The German bakers have been receiving corn meal with which to bake bread. But for some reason, they don't know how to do it. The bread they have been making comes out as wet, soggy, flat cakes which have caused widespread sickness among people already suffering from malnutrition. The Germans seem to have no solution for the problem. As is the custom these days, they complain but do nothing about it. It is one of those questions which all the military governments in the world could not solve. But the Germans manage to give the impression that the fact that their bakers don't know and won't learn to bake corn bread is, somehow, the fault of the occupying forces.

The main meal for the Schulzes is corn-meal soup, that soggy bread and more ersatz coffee. They are bitter about the whole thing. And this work of rebuilding and mining isn't going as it should: hunger cuts down production.

Because coal is so important, miners like Johann Esser get extra rations. But the Essers, too, are caught in the conflict between city and country. Fats are the biggest shortage. Frau Esser and her husband make laborious trips to the farmers in their area to get bacon, butter or anything else. Frau Esser is just as bitter as everybody else:

"The farmers have everything. They have several fur coats apiece which they will never wear. They have three or four coffee services, silver plates and china. The city came to them and they took everything for food. They'll have our carpet for the cow in the stable. Then maybe this will end."


IN BERLIN, the once beautiful Tiergarten is cut up into jealously guarded little gardens in which each gardener suspects his neighbor of stealing his potatoes or onions.

Hate is riding along with hunger. So is bewilderment. Thousands of miles away, Chief Judah, hallup of the people of Bikini, understands even less than the Germans the connection between him and the war. He knows the Navy took them all away to Rongerik Atoll so that Bikini could become an atom-bomb guinea pig. But the people of Bikini want to go home.

"On Rongerik," said the Chief, "everything all right, except the trees are sickly. All trees. Breadfruit trees, coconut trees and pandanus trees are sickly. On account of the sickness, not enough food. The Navy brings rice, flour, sugar. But I think if we move to some other place, we can work hard and make new plantation, and it will be better for us in the future."

Money doesn't count for much on the Pacific atoll islands like Judah's or Kwajalein, in the Marshalls, or Okinawa. Bombs and shells destroyed the coconut and breadfruit trees. Until new groves can be planted, the military authorities—meaning you—must feed the natives.
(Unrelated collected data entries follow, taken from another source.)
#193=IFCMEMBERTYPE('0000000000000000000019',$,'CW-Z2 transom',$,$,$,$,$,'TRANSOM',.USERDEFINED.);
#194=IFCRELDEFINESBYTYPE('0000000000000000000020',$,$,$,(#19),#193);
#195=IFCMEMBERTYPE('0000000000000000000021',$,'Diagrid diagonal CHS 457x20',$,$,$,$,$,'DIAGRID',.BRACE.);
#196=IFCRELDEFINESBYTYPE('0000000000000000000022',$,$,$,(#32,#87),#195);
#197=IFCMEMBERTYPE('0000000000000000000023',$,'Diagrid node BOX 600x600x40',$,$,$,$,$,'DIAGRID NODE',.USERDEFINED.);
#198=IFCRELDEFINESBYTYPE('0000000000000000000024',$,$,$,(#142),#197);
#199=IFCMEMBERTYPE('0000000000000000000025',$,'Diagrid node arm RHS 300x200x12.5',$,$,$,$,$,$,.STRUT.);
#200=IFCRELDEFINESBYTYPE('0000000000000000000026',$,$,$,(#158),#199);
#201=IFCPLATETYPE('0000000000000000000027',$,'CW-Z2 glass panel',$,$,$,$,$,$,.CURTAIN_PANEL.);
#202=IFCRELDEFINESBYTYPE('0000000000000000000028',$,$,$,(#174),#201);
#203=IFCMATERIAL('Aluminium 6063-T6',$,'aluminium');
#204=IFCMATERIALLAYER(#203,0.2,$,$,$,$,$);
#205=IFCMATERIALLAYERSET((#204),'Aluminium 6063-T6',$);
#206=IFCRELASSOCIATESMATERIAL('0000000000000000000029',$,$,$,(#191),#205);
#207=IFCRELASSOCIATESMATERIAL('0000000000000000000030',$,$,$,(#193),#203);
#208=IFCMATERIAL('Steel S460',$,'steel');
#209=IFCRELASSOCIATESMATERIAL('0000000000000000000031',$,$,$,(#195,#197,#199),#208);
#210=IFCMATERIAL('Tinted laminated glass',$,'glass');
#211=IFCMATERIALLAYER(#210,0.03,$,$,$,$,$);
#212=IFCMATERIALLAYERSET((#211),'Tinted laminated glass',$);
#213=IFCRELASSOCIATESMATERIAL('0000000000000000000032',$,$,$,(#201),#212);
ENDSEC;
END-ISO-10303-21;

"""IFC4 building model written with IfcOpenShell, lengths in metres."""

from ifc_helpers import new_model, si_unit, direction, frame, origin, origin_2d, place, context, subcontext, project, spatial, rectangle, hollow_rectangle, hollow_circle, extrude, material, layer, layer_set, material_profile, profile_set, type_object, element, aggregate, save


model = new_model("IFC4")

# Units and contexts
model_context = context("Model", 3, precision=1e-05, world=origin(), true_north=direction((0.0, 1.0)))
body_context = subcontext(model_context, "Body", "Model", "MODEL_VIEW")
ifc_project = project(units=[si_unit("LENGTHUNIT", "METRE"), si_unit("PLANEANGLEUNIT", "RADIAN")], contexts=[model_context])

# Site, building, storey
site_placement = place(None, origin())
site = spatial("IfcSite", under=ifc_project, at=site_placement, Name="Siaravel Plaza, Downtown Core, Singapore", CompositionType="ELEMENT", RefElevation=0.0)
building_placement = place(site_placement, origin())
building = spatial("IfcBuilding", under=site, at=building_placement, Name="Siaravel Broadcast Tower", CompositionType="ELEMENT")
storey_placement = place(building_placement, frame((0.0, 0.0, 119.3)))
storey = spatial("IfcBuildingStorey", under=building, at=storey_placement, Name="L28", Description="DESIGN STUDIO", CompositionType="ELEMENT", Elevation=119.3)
Breadfruit in the atolls. Fats in Essen. Meat in England. They have the same result. Jean Lefevre, of the St. Lô City Council, said it: "We are not satisfied with the government. The main objection is lack of food. That is the objection—the objection."

Food is just as important now as bombs ever were. And everywhere on earth the testimony piles up: if food doesn't come, bombs—in one form or another—will.